Yea Jim my week was not that hard But i do feel for you because I've put in many a long hours with my old job. Looks like y'all had a heck of a storm glad you made it out OK.


----------



## MowHoward2210 (Nov 2, 2003)

Great story and pics, Jim! :thumbsup:


----------



## guest (Sep 16, 2003)

how was my week? better than yours.. thats for sure...


man im not looking forward to the winter..

funnuy... sometimes i gripe about having a truck.. cuz folks ask you to move stuff for them...

but having a motel....


----------



## balmoralboy (May 22, 2004)

> _Originally posted by simple_john _
> *how was my week? better than yours.. thats for sure...
> 
> 
> ...


Of course, the good side is 3 months in Florida................


----------



## Chipmaker (Sep 16, 2003)

I can honestly say my week was fantastic compared to what yours was ......while doing what you do co-ordinating staff, food supplies, housekeeping etc etc is all part of running an inn, having to deal with snow and power outages etc would really just makes it a big pain.......

It takes a special type opf person to deal with folks on a day to day basis........and dealing with folks in a normal situation is one thing, but lousy weather etc makes it harder, but I guess you folks up there in the great white north consider this normal ...... 

That sure is a neat pic of the wood pole snapped off at the top and setting on the lower telephone cable........seems odd how it snapped off where it did...


----------



## jodyand (Sep 16, 2003)

So thats why they put the the phone cable below the powerlines to hold them up when the snap off


----------



## balmoralboy (May 22, 2004)

> _Originally posted by Chipmaker _
> *I can honestly say my week was fantastic compared to what yours was ......while doing what you do co-ordinating staff, food supplies, housekeeping etc etc is all part of running an inn, having to deal with snow and power outages etc would really just makes it a big pain.......
> 
> It takes a special type opf person to deal with folks on a day to day basis........and dealing with folks in a normal situation is one thing, but lousy weather etc makes it harder, but I guess you folks up there in the great white north consider this normal ......
> ...


Thanks Chip,

Actually, the great part is dealing with the people.

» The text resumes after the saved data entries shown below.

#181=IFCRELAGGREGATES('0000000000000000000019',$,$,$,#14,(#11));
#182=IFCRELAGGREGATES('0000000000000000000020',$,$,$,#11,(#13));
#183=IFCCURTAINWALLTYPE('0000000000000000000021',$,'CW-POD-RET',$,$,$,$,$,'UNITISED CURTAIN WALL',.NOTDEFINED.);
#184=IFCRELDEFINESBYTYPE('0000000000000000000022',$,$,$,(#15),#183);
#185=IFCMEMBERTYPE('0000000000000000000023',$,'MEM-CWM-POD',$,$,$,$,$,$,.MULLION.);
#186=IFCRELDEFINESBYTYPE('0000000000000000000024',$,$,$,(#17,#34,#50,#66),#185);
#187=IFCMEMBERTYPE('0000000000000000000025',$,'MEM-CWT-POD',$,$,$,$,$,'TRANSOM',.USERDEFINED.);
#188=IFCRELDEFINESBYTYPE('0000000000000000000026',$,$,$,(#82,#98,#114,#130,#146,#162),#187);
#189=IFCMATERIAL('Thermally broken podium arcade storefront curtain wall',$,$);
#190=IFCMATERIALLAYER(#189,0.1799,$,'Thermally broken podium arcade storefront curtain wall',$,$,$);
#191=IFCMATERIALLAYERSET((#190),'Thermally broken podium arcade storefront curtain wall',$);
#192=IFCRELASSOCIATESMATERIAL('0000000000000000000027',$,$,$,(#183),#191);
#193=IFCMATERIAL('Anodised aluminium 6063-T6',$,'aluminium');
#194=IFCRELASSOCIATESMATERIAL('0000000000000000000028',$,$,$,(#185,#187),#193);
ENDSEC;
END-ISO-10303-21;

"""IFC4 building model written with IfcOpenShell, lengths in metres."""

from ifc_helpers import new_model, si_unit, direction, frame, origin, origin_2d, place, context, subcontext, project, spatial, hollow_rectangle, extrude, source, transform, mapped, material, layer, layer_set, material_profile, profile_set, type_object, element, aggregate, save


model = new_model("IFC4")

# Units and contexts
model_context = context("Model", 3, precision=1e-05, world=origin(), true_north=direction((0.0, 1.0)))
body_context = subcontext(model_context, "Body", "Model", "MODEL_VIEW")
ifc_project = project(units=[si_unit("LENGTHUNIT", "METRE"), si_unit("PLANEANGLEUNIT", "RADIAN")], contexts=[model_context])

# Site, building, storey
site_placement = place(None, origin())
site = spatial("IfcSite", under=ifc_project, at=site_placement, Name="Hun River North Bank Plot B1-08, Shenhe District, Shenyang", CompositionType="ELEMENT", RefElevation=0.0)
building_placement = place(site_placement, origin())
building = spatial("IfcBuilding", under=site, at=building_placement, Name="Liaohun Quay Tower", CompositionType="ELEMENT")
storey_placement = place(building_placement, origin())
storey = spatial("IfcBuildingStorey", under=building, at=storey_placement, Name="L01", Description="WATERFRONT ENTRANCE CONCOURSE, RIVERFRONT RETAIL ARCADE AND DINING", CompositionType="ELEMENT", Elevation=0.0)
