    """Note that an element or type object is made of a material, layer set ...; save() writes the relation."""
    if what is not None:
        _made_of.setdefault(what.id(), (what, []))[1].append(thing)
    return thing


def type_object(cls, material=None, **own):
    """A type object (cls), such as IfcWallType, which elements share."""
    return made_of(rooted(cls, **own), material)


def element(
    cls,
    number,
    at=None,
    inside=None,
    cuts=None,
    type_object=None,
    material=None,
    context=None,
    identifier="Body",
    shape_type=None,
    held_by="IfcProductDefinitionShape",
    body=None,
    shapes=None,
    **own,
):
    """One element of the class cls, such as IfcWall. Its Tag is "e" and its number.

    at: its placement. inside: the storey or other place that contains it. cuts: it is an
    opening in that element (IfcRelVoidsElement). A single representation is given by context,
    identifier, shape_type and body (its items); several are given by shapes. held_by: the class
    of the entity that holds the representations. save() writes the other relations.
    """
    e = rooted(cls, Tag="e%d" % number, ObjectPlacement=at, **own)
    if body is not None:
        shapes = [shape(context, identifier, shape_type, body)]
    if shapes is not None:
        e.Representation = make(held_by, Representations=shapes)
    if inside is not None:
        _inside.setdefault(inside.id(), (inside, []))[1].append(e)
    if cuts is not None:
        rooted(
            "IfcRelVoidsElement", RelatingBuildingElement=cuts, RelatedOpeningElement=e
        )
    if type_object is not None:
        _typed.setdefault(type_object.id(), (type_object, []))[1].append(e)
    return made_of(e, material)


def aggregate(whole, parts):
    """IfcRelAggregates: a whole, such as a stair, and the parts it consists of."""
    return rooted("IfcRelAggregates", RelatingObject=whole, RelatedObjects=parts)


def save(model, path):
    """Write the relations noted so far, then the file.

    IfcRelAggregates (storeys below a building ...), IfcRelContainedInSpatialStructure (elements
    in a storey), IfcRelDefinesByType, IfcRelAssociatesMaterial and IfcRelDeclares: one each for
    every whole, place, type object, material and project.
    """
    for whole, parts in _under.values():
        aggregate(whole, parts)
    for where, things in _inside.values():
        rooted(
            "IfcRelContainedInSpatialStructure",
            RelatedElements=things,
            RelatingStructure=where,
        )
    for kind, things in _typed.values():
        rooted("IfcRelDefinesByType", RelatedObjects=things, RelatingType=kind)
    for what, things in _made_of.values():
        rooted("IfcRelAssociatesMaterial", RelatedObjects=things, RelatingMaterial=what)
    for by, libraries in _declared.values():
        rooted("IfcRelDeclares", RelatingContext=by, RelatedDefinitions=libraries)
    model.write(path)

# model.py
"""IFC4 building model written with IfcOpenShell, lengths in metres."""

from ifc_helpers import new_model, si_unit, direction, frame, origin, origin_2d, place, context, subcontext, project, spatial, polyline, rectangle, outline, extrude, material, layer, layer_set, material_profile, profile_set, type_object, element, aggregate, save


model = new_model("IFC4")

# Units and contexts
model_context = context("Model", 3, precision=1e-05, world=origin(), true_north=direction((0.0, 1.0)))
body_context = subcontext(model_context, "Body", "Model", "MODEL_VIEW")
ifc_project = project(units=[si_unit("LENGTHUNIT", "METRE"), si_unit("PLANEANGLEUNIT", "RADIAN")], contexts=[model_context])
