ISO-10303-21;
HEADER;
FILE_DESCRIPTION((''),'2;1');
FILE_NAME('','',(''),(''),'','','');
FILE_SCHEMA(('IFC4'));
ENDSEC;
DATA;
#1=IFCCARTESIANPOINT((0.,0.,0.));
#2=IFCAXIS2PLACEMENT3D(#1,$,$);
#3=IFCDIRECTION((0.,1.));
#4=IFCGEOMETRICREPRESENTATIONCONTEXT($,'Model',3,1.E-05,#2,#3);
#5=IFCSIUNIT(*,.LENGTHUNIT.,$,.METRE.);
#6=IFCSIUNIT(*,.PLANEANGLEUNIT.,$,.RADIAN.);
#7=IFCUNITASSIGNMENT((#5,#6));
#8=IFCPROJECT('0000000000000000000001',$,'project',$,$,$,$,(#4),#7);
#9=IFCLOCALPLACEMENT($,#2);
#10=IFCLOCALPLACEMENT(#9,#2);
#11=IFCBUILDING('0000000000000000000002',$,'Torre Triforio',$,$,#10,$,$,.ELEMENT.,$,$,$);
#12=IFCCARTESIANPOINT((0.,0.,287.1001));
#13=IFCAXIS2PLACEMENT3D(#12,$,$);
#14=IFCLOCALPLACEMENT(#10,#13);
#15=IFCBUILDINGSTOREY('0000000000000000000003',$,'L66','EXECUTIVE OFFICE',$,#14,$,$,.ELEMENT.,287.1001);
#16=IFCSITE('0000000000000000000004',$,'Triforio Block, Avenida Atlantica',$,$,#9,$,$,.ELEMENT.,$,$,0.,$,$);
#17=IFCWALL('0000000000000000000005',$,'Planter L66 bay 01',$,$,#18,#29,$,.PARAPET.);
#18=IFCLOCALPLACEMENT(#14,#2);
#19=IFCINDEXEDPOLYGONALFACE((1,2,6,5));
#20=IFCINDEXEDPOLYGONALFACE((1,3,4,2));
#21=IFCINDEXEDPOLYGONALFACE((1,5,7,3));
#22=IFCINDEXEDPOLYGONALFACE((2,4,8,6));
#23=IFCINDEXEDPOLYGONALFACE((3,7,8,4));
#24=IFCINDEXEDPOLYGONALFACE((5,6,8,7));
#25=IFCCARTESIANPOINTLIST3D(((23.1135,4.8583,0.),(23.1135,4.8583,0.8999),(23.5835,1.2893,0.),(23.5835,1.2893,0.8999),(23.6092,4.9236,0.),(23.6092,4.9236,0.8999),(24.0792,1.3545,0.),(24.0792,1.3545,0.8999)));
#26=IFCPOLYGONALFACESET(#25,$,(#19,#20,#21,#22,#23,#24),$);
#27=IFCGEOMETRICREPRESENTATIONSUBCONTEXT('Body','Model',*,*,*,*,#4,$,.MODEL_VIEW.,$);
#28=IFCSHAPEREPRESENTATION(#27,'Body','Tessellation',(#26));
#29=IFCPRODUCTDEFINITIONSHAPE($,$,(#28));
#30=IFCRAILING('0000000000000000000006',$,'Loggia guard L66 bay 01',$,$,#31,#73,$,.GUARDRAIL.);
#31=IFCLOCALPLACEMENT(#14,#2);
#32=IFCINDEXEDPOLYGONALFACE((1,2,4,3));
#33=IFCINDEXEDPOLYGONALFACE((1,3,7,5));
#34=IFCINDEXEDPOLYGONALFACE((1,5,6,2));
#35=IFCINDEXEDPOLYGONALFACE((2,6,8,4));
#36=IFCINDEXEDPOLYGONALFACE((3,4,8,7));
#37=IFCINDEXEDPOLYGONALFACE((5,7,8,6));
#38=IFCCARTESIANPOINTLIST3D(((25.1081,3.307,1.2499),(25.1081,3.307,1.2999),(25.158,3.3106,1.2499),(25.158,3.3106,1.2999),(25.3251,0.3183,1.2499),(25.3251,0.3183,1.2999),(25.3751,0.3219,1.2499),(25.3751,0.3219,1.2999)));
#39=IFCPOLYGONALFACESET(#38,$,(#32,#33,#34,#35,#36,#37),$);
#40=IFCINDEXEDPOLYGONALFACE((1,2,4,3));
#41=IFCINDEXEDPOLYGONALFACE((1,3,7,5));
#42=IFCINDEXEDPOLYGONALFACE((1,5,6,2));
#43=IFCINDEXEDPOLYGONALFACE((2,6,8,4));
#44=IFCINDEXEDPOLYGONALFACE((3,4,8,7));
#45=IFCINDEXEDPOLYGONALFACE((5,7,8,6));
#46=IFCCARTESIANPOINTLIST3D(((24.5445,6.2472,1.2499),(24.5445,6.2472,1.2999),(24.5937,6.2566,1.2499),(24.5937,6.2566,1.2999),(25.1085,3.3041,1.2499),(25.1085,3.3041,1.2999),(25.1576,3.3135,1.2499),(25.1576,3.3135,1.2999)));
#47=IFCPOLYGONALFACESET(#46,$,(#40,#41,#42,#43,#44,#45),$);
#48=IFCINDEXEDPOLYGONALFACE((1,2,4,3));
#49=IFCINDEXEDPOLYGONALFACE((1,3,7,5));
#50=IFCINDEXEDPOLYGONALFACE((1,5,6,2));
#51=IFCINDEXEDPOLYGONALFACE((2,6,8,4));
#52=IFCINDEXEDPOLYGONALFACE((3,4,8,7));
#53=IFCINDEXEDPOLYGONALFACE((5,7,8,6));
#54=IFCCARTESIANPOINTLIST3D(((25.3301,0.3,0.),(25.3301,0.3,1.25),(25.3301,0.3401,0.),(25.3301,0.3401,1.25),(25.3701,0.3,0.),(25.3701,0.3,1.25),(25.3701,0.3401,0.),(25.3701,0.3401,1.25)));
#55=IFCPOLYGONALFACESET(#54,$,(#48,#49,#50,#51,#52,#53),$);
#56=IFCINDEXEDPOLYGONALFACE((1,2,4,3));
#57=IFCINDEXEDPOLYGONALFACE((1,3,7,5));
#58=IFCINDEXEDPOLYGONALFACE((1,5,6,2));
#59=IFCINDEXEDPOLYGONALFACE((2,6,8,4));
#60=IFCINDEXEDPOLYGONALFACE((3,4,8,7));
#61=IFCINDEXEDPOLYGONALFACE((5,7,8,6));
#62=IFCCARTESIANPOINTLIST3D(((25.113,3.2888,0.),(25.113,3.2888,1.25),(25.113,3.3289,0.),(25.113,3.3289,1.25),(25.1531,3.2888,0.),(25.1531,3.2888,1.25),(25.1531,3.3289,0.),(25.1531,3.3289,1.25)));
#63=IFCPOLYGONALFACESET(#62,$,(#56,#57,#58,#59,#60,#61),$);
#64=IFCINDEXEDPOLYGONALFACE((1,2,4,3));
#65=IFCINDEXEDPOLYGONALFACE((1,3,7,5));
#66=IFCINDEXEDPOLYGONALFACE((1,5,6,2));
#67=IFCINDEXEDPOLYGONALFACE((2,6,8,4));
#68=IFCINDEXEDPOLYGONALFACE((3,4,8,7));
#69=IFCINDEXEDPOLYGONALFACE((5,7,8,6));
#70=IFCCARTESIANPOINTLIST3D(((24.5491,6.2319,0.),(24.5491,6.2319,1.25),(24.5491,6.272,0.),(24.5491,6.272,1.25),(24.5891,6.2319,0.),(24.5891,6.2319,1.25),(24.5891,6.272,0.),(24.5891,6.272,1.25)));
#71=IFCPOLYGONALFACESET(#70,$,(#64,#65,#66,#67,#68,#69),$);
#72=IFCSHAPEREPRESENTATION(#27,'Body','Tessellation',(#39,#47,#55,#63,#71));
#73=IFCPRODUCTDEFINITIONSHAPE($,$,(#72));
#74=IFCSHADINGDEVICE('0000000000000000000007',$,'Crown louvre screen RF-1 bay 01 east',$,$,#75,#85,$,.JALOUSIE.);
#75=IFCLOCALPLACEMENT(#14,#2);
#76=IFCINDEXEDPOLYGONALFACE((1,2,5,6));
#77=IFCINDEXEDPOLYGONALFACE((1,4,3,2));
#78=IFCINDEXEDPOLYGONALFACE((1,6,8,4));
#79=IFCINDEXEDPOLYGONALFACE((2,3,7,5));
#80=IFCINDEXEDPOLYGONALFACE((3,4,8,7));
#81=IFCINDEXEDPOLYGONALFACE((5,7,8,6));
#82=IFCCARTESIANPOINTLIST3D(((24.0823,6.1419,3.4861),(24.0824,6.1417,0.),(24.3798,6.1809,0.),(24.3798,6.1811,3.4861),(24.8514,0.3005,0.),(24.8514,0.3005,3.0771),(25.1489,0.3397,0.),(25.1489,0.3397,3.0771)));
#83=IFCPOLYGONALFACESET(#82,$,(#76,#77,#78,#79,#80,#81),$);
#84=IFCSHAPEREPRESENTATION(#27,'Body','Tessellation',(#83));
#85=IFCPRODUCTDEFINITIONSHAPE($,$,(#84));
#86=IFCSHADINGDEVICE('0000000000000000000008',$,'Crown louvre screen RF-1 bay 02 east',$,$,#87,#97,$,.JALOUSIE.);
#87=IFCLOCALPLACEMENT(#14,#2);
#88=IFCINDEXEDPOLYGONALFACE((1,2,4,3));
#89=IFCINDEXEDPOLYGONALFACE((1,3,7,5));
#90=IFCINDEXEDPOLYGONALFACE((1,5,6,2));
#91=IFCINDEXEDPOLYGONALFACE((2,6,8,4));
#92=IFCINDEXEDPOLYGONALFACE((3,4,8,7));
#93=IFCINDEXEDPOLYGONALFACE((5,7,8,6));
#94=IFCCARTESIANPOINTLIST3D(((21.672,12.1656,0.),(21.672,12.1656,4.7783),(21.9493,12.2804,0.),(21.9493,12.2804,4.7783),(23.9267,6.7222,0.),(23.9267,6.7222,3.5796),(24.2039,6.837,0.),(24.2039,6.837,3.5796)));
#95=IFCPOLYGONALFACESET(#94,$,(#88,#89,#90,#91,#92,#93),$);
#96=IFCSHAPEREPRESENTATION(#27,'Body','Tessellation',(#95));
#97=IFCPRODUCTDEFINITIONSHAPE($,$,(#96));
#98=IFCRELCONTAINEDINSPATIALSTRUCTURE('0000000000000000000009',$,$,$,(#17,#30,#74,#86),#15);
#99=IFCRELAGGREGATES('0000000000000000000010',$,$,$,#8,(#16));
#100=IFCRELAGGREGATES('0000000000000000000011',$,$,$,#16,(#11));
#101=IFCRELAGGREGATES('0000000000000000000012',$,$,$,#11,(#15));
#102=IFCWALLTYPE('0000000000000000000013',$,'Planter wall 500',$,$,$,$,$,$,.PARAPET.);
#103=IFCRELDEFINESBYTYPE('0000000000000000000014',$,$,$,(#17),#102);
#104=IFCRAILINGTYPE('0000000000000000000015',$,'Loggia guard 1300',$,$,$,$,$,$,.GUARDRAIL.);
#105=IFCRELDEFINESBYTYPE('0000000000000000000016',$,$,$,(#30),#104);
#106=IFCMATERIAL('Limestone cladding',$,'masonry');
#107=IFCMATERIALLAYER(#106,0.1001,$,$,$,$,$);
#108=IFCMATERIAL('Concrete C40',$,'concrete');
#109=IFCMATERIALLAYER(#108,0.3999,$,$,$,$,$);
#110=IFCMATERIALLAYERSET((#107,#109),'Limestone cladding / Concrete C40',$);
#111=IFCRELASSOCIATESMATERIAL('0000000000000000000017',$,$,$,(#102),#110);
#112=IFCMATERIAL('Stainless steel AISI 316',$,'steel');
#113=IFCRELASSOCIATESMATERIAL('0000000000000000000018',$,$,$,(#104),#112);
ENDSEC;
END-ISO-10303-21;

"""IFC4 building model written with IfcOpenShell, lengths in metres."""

from ifc_helpers import new_model, si_unit, direction, frame, frame_2d, origin, origin_2d, place, context, subcontext, project, spatial, polyline, rectangle, outline, extrude, material, layer, layer_set, type_object, element, save


model = new_model("IFC4")

# Units and contexts
model_context = context("Model", 3, precision=1e-05, world=origin(), true_north=direction((0.0, 1.0)))
body_context = subcontext(model_context, "Body", "Model", "MODEL_VIEW")
ifc_project = project(units=[si_unit("LENGTHUNIT", "METRE"), si_unit("PLANEANGLEUNIT", "RADIAN")], contexts=[model_context])

# Site, building, storey
site_placement = place(None, origin())
site = spatial("IfcSite", under=ifc_project, at=site_placement, Name="Triforio Block, Avenida Atlantica", CompositionType="ELEMENT", RefElevation=0.0)
building_placement = place(site_placement, origin())
building = spatial("IfcBuilding", under=site, at=building_placement, Name="Torre Triforio", CompositionType="ELEMENT")
storey_placement = place(building_placement, frame((0.0, 0.0, 287.1001)))
storey = spatial("IfcBuildingStorey", under=building, at=storey_placement, Name="L66", Description="EXECUTIVE OFFICE", CompositionType="ELEMENT", Elevation=287.1001)

# Shared definitions
ifc_material_1 = material(Name="Concrete C40", Category="concrete")

# Wall
ifc_material_2 = material(Name="Limestone cladding", Category="masonry")
ifc_layer_1 = layer(ifc_material_2, 0.1001)
ifc_layer_2 = layer(ifc_material_1, 0.3999)
ifc_layer_set_1 = layer_set([ifc_layer_1, ifc_layer_2], Name="Limestone cladding / Concrete C40")
wall_type_1 = type_object("IfcWallType", Name="Planter wall 500", PredefinedType="PARAPET", material=ifc_layer_set_1)
wall_1_placement = place(storey_placement, frame((23.8313, 1.322, 0.0), z_axis=(0.0, 0.0, 1.0), x_axis=(-0.130551, 0.991442, 0.0)))
element("IfcWall", 1, at=wall_1_placement, inside=storey, type_object=wall_type_1, Name="Planter L66 bay 01", PredefinedType="PARAPET", context=body_context, shape_type="SweptSolid", body=[
    extrude(rectangle(XDim=3.5999, YDim=0.5, at=frame_2d((1.7998, 0.0))), origin(), (0.0, 0.0, 1.0), 0.8999),
])

# Railing
ifc_material_3 = material(Name="Stainless steel AISI 316", Category="steel")
railing_type = type_object("IfcRailingType", Name="Loggia guard 1300", PredefinedType="GUARDRAIL", material=ifc_material_3)
railing_placement = place(storey_placement, frame((25.3501, 0.3201, 0.0)))
element("IfcRailing", 2, at=railing_placement, inside=storey, type_object=railing_type, Name="Loggia guard L66 bay 01", PredefinedType="GUARDRAIL", context=body_context, shape_type="SweptSolid", body=[
    extrude(rectangle(XDim=0.05, YDim=0.05, at=origin_2d()), frame((0.0, 0.0, 1.2749), z_axis=(-0.072428, 0.997374, 0.0), x_axis=(-0.997374, -0.072428, 0.0)), (0.0, 0.0, 1.0), 2.9966),
    extrude(rectangle(XDim=0.05, YDim=0.05, at=origin_2d()), frame((-0.217, 2.9888, 1.2749), z_axis=(-0.188198, 0.982131, 0.0), x_axis=(-0.982131, -0.188198, 0.0)), (0.0, 0.0, 1.0), 2.9966),
    extrude(rectangle(XDim=0.04, YDim=0.04, at=origin_2d()), origin(), (0.0, 0.0, 1.0), 1.25),
    extrude(rectangle(XDim=0.04, YDim=0.04, at=origin_2d()), frame((-0.217, 2.9888, 0.0)), (0.0, 0.0, 1.0), 1.25),
    extrude(rectangle(XDim=0.04, YDim=0.04, at=origin_2d()), frame((-0.781, 5.9319, 0.0)), (0.0, 0.0, 1.0), 1.25),
])

# Shading devices
shading_device_1_placement = place(storey_placement, frame((25.0, 0.3201, 0.0), z_axis=(0.0, 0.0, 1.0), x_axis=(-0.13053, 0.991444, 0.0)))
element("IfcShadingDevice", 3, at=shading_device_1_placement, inside=storey, Name="Crown louvre screen RF-1 bay 01 east", PredefinedType="JALOUSIE", context=body_context, shape_type="SweptSolid", body=[
    extrude(outline(polyline([(0.0, 0.0), (5.8916, 0.0), (5.8918, 3.4861), (0.0, 3.0771), (0.0, 0.0)])), frame((0.0, 0.1499, 0.0), z_axis=(0.0, -1.0, 0.0), x_axis=(1.0, 0.0, 0.0)), (0.0, 0.0, 1.0), 0.3),
])
shading_device_2_placement = place(storey_placement, frame((24.0652, 6.7795, 0.0), z_axis=(0.0, 0.0, 1.0), x_axis=(-0.382673, 0.923884, 0.0)))
element("IfcShadingDevice", 4, at=shading_device_2_placement, inside=storey, Name="Crown louvre screen RF-1 bay 02 east", PredefinedType="JALOUSIE", context=body_context, shape_type="SweptSolid", body=[
    extrude(outline(polyline([(0.0, 0.0), (5.8918, 0.0), (5.8918, 4.7783), (0.0, 3.5796), (0.0, 0.0)])), frame((0.0, 0.1499, 0.0), z_axis=(0.0, -1.0, 0.0), x_axis=(1.0, 0.0, 0.0)), (0.0, 0.0, 1.0), 0.3),
])

save(model, "model.ifc")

They're all relaxed and having a good time!

The weather is not so good.

Actually, the poles often snap there. I don't know why, but I suppose it's got something to do with the distance between the wires and the ground giving the highest strain in the middle part of the pole????


----------



## bontai Joe (Sep 16, 2003)

My week started on Monday with my daughter's ride being late to pick her up after school, only to find out she wasn't at school any more. When I got home I was greeted by my hysterical neighbor who was supposed to pick up my daughter, who while crying was trying to tell me she didn't know where my daughter was. So I went to the school to look around. It was 6:15 and Bev was supposed to be picked up at 3:30. By 6:45 I called the police, who went with me as we searched the school again. I had called home several times to check messages on the machine, with no luck. I finally left the school at 8:00 and went home to be greeted by the ringing phone. My daughter was at a friends house, because she couldn't think of anywhere else to go. For some reason, our answering machine decided that day to not take messages (it's now in the trash!) So after sprouting a new crop of grey hair, I had everyone home safe and sound by 9:00 PM. The rest of the week went quietly, but I certainly don't need another like this one.


----------



## balmoralboy (May 22, 2004)

Joe, 

That makes my week look like a picnic. Glad to hear it turned out OK.


----------



## AlbanyBob (Aug 25, 2004)

What great pictures of the storm Jim. 

Thanks for sharing and yes my week was much better then yours there. Nothing to complain about here.  Sorry Jim.  

But I have been thinking that someday I may visit Nova Scotia but I think now it will be in the summer.  Just wondering when summer is there. What do you have about 2 weeks of good weather? Then snow again.

Have a better week
:captain: Bob


----------



## MR. T (Oct 3, 2004)

Enjoyed the pictures.It's been a long week for me.Had to work approx. 68 hrs.the past 5 days.Sometimes I feel I'm too old for these kind of hours.May God bless my wife for never complaining about my job.


----------



## Argee (Sep 17, 2003)

Pretty dam good. Was able to get my shop rearranged so I can put both tractors in it with room to spare which allows me to use my equipment shed for other items I want to keep out of the weather this winter.

I did maintenance on both tractors on my days off...change oil and lube...installed a toolbox on my 1715 and got my GT5000 ready for snow blowing season. So all in all it was a pretty productive week.


----------



## Ingersoll444 (Sep 17, 2003)

Wile not as busy as Jim's, or as scary as Joe's, all in all I had a pretty rotten week. Mostly from things I cant go into here, but work has been a REAL headacke. I am in the auto parts biz, and this is 1) the start of the "crash season" my busyest time

2) everyone is hauing there old junk out for use this winter

and 3) New inspection laws in NY make it mandatory not to have a check engine light on to get your car inspected. So I spend all day hearing "My light is on, whats wrong?" Ok just hold the car up to the phone and I will take a look.


Add that to my doughter starting to come down with a cold, and getting cranky at night, made is a week I am GLAD is over.


----------